Что есть юмор? Способ альтернативного, неожиданного взгляда на привычные вещи. Ключевые слова: новизна (для данного контекста), неожиданность, разрыв шаблона. 
Следствия: 
1) (Хороший) юмор не может являться самоцелью и неотделим от своего предмета.
2) Когда юмор становится на поток, программируется и формализуется, он перестает выполнять свою функцию. Юмористические передачи, и вообще все, что имеет основной целью производство юмора, имеют крайне низкую вероятность его произвести.
3) Качество юмора обратно зависимо от его плотности на единицу смысла. 
Кроме того, "смешно" - не есть абсолютная оценка качества юмора. Разве нельзя получать удовольствие от чего-то остроумного, или парадоксального без того, чтобы проржаться? И наоборот - разве щекотка является эталоном юмора?

----------


## chaika

OK. Вот американский (или британский) humor (или humour). Русским это смешно? Сам чуть не упал с кресла пока я его читал.  
The Pretzel Hold
A Russian and an Irish wrestler were facing off for the Olympic Gold medal. Before the match, the Irishman's trainer came to him and said, "Don't forget, this Russian has never lost a match because of his pretzel hold. If he gets you in it, you're finished." 
Immediately after the match began, the Russian got the Irishman in the devastating pretzel hold. The trainer couldn’t watch any longer, so he turned away. Suddenly, there was a scream, and cheers from the crowd. The trainer looked back to see the Irishman had won the match. 
Later on the trainer asked "How did you get out of that hold? No one has ever done it before!" 
The Irishman answered "Well, I looked up and saw this pair of balls right in front of my face. I thought I had nothing to lose, so with my all my strength I bit those babies just as hard as I could." 
"So!" the trainer said, "That's what finished him off!" 
"No, but you'd be amazed how strong you get when you bite your own balls"!

----------


## CoffeeCup

> OK. Вот американский (или британский) humor (или humour). Русским это смешно? Сам чуть не упал с кресла пока я его читал. 
> ...

 You will be surprised quite enough if I tell you that this joke is a famous one in Russia. In Russian version there are two Russian wrestlers a young and a quite experienced. Even more, the quite experienced wrestler always has a name of Alexander Karelin.

----------


## it-ogo

Я бы нашел это смешным в промежутке возраста от 13 до 23. Сейчас я воспринимаю это как притчу. 
Наверно потому, что в русском много достаточно близких аналогов. Что-то такое было про йога и каратиста, про Василия Ивановича в Японии и сумоиста... Если убрать тренера (речь вести от первого лица) и переименовать ирландца, будет достаточно типичный русский анекдот.

----------


## Basil77

> OK. Вот американский (или британский) humor (или humour). Русским это смешно? Сам чуть не упал с кресла пока я его читал.

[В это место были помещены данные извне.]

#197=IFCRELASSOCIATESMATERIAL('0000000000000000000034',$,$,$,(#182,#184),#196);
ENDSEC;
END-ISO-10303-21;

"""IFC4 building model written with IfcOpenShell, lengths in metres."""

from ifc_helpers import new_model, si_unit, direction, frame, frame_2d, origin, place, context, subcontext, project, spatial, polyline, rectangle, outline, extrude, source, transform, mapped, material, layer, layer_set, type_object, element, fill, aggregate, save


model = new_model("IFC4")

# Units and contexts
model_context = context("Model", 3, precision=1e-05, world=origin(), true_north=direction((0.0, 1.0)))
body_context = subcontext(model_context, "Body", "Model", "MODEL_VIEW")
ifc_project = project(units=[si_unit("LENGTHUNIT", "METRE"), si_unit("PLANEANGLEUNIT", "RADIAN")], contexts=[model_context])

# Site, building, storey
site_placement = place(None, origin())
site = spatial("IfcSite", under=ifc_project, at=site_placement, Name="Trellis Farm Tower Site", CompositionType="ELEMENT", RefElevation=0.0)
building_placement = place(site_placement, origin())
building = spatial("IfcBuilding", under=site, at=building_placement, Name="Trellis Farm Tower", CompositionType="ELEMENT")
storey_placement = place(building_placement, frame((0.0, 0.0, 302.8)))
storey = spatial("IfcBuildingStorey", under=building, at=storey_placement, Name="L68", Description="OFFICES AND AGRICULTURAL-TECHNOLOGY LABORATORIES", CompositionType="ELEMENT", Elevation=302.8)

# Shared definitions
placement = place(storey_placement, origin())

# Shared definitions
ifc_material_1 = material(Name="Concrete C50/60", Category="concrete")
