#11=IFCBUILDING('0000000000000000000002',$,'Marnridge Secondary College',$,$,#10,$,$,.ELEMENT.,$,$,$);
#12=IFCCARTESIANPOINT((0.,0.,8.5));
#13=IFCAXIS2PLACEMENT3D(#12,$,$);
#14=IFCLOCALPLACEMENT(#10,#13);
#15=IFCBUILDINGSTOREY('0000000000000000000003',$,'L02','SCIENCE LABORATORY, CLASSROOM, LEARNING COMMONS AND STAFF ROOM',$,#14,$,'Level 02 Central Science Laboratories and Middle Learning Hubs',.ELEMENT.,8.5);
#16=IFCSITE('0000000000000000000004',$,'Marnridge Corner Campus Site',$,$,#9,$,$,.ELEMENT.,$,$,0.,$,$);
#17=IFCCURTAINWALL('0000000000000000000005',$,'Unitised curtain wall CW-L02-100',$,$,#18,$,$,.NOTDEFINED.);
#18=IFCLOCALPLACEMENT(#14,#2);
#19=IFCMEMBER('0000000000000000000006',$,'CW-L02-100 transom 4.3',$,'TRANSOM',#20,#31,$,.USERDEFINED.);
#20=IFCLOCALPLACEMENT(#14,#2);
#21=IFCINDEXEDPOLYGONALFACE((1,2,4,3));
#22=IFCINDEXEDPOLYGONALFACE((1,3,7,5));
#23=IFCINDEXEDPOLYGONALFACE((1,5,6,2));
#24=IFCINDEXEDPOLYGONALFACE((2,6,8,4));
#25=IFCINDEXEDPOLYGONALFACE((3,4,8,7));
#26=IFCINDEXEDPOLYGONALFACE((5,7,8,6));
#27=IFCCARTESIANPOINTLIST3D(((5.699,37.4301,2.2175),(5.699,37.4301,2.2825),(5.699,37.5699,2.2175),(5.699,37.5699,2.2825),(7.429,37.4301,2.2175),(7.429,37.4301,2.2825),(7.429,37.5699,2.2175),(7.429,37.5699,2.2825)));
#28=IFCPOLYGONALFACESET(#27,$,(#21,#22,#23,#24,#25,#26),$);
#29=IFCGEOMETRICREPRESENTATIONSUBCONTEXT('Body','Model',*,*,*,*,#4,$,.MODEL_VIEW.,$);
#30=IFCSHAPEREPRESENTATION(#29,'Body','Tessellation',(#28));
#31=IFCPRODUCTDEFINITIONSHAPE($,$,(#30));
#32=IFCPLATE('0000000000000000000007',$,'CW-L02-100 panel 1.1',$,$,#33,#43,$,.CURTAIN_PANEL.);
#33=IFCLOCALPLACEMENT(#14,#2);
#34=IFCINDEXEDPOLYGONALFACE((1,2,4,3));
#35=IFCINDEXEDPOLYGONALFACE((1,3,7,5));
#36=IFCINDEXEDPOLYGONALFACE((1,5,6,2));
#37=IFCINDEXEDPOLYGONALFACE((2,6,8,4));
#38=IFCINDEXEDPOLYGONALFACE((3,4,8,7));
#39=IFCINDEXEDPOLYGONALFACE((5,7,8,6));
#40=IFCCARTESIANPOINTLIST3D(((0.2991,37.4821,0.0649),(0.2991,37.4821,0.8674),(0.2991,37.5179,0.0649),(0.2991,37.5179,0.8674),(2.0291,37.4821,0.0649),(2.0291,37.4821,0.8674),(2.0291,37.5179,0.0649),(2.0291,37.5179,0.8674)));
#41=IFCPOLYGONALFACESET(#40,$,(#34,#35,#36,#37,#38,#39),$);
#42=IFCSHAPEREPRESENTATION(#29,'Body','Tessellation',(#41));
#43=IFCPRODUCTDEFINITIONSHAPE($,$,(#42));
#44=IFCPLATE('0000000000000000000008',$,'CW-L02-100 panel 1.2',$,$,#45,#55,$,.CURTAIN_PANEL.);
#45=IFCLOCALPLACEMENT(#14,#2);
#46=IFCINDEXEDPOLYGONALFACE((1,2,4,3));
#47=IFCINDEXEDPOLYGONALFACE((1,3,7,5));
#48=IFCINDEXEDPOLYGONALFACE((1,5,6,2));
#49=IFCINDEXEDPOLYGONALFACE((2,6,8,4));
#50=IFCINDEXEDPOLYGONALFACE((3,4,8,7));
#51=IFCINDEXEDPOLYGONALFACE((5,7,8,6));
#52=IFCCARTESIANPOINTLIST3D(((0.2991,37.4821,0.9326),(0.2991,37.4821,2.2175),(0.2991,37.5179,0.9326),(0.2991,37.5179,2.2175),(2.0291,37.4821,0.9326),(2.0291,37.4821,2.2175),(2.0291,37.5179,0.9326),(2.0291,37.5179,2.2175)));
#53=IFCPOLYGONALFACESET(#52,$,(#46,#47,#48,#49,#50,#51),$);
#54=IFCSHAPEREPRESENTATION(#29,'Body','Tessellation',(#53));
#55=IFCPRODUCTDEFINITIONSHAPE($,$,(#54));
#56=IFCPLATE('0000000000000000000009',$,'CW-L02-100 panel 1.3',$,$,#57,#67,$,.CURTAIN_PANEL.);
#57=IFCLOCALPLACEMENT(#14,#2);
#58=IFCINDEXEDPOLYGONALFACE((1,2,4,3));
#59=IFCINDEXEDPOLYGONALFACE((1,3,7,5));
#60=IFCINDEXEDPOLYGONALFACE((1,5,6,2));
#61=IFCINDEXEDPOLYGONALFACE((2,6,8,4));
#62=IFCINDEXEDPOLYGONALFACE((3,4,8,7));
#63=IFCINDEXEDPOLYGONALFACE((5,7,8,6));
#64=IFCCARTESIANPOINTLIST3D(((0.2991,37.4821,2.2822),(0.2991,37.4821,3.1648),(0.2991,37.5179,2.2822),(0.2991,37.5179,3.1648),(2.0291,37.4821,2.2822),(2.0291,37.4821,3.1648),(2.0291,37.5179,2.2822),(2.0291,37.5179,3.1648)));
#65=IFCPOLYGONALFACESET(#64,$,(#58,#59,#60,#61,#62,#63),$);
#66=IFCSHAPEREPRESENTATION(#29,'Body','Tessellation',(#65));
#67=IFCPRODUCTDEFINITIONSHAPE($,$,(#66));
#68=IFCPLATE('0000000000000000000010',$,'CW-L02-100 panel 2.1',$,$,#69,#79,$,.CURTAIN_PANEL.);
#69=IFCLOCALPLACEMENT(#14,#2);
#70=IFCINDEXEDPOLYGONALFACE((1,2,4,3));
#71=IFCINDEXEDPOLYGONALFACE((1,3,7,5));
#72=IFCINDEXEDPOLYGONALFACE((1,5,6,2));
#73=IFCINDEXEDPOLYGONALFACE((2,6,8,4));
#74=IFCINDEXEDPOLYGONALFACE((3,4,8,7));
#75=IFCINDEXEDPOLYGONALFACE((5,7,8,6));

 There are plenty of Russian jokes on this theme. There is the one that I heard when I was at high-school (in early 90s): _One middle-asian had a camel. But this camel was veery slow. So he went to a local wise old man and asked him what could be done to speed it up a little. 
 - Make your camel stand on this pedestal, - said the wiseman.
 Then he took a huge sledgehammer and hit the camel's balls with it. After a cloud of dust dispersed they saw the camel disappearing behind the horizon. 
 - Wow! I never saw a camel running that fast! - said the camel's owner, - but how I supposed to catch it now?
 - Stand on the pedestal, - the wiseman replied._

----------


## SAn

So, we can conclude that foreign humor may either be international («we also have this joke») or not funny. Tercium non datur.

----------


## Ramil

Что касается анекдотов, то они стали, видимо, действительно интернациональными. Детали, обстановка и действующие лица могут различаться, но если сутью анекдота не являются некие местные реалии (скажем, политика или какой то сугубо-местный феномен), то практически любому анекдоту найдётся эквивалент в любом языке и в любой стране.

----------


## Paperplane

> I was wondering, do any of you, Russian learning people, chaika, DDT, doninphxaz, Johanna, rockzmom too, although she’s more of a curious about Russia than Russian learning person  , sperk, Throbert McGee, (mind you, all placed in alphabetical order  ), and others, that might be working under cover, dig Russian humor?
> I don’t claim it to be superior or something, just the humor in Russian made by people whose native language is Russian. Take this sketch from the nineties for example that I ran against yesterday http://www.youtube.com/watch?v=ooS4HdP2 ... re=channel. Do you understand it? Do you find it funny?

 Конец очень понравился  ::  , хотя, на мой взгляд, начало длинновато. Я иногда смотрю российские юмористические передачи онлайн. В принципе они мне очень нравятся-то, только приходится вслушиваться ОЧЕНЬ внимательно, а то упустишь почти всё.    ::   
А вот, по-моему, красивый необычный скетч из UKTV. Думаю, типично британский, но не знаю точно. http://www.youtube.com/watch?v=vuGgPf1h4Io 
И еще классический сатирический скетч из 90-х. http://www.youtube.com/watch?v=tSKFYff_a7M

----------


## gRomoZeka

The joke about balls can be understood by virtually any human, cultural differences  notwithstanding. But personally I find the Russian variant of this joke funnier, because the gist of the joke is not the fact that someone got bitten or hit in the balls (a bit of kindergarten-ish humour  ::  ), but the last phrase. It's hilarious.   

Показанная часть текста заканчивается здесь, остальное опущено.